Zwracamy się do naszych współpracowników i czytelników z prośbą o wskazanie, co spośród lektur, koncertów, przedstawień teatralnych, wizyt w muzeach, wystaw malarskich itp. wywarło najsilniejsze wrażenie w ostatnim kwartale i prosimy o kró­ciutkie omówienie-osobistą impresję. Spodziewamy się, że dzięki Państwu uzyskamy obraz wydarzeń wartych uwagi. Zapraszamy do udziału, czekamy na wypowiedzi. (Redakcja "ZŁ")

MAGDALENA CYTOWSKA, Warszawa: Thomas Bernhard, "Rodzeństwo" (reż.: Krystian Lupa. Stary Teatr, Kraków, premiera: 19 X 1996).

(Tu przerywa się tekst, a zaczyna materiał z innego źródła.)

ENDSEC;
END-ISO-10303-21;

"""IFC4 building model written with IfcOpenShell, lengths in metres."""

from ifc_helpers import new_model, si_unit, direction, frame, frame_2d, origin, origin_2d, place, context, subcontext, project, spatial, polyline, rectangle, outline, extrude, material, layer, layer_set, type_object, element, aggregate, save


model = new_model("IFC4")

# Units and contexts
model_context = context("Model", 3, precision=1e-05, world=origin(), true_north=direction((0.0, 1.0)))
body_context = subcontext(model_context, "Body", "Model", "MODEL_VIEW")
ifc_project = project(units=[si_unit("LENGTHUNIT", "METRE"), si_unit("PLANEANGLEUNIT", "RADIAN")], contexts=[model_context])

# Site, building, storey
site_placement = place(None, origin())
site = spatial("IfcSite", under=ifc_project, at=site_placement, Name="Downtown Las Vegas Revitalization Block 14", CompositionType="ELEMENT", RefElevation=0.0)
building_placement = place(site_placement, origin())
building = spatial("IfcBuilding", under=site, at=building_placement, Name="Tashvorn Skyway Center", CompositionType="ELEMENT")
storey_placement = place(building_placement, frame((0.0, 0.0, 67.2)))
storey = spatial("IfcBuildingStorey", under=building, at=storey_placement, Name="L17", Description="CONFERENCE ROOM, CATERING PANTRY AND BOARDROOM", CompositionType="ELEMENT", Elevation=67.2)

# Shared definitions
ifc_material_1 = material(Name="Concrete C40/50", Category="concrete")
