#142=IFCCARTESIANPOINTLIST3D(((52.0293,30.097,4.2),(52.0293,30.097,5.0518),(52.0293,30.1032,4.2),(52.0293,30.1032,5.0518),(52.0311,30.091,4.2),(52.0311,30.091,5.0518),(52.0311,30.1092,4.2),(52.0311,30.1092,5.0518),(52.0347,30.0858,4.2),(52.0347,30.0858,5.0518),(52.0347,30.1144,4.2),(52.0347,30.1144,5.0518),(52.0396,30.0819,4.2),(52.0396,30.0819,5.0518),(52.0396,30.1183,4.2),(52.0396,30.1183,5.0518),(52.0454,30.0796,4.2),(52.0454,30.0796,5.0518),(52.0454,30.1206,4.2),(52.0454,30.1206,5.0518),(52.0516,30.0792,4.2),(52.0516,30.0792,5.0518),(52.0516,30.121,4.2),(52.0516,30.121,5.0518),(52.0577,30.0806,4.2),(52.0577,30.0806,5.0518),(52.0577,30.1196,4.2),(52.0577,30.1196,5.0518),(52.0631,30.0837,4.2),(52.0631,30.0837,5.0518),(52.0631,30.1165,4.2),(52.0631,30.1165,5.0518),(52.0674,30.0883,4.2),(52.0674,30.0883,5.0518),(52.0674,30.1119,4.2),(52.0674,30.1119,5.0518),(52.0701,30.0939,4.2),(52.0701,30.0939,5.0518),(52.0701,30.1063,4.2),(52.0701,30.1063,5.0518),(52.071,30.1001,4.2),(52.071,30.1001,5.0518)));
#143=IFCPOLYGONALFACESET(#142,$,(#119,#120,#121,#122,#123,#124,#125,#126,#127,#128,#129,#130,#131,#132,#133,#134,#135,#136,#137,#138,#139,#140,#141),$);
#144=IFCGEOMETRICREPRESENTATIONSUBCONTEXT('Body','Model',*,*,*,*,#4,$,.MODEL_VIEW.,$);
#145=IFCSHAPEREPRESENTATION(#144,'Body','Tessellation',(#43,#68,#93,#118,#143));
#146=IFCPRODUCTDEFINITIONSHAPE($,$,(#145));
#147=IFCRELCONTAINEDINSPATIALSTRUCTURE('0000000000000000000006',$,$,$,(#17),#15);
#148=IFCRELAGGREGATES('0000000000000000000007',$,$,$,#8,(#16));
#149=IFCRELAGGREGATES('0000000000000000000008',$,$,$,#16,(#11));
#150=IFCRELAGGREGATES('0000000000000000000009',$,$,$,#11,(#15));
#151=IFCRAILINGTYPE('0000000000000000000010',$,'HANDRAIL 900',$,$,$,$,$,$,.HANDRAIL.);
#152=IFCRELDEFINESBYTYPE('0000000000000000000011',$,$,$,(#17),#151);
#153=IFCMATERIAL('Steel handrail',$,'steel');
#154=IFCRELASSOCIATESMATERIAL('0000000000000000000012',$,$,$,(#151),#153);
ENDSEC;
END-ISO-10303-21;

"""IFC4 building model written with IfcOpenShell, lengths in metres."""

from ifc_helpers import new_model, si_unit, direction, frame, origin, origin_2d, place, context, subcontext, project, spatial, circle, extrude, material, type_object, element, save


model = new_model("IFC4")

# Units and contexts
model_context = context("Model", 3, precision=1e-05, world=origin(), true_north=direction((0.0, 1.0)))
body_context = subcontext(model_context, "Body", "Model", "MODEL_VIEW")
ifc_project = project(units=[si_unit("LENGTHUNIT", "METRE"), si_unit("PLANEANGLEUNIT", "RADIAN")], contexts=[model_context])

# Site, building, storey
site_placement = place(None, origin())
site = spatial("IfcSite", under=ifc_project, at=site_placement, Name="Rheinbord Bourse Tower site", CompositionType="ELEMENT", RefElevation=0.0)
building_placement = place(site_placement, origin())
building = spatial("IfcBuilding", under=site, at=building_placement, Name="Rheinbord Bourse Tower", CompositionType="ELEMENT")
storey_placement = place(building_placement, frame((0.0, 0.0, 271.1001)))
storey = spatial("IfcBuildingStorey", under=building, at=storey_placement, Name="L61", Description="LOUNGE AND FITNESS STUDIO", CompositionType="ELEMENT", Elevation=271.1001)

Dramat jest nobilitacją wszystkiego, co niebanalne, esencji życia, słów i czynów ważnych; wydobywa ze świata tylko to, co ciekawe. Oglądając "Ro­dzeństwo" Lupy, ze zdumieniem odkryłam, że jego aktorzy nie wypowiadają słów charakterystycznym tonem scenicznym, więcej mówią niż grają. Jest ci­cho, spokojnie, intymnie. Tylko co jakiś czas akcja przyspiesza, ktoś krzyczy, wydarzenia na chwilę zaczynają toczyć się szybciej. Tak jak wtedy, gdy w za­kończeniu drugiego aktu Voss, powodowany jakimś niewyjaśnionym wewnę­trznym impulsem, rzuca się ku szafie, przesuwają w inne miejsce, aby za chwilę z powrotem wrócić do "normalności". Przedstawienie to jest mi szczególnie bliskie właśnie dlatego, że opowiada w prawdziwy sposób o życiu niescenicznym, prawdziwym. Lupa odważnie wprowadził do swojego przedstawienia cytaty naturalistyczne - jedzenie obiadu, palenie papierosów, tłuczenie na­czyń. Odbieram to jako próbę ocalenia godności życiowego banału. Niezliczo­na ilość drobnych, nieistotnych czynności, słów i gestów była dla mnie najcen­niejszym elementem tego spektaklu.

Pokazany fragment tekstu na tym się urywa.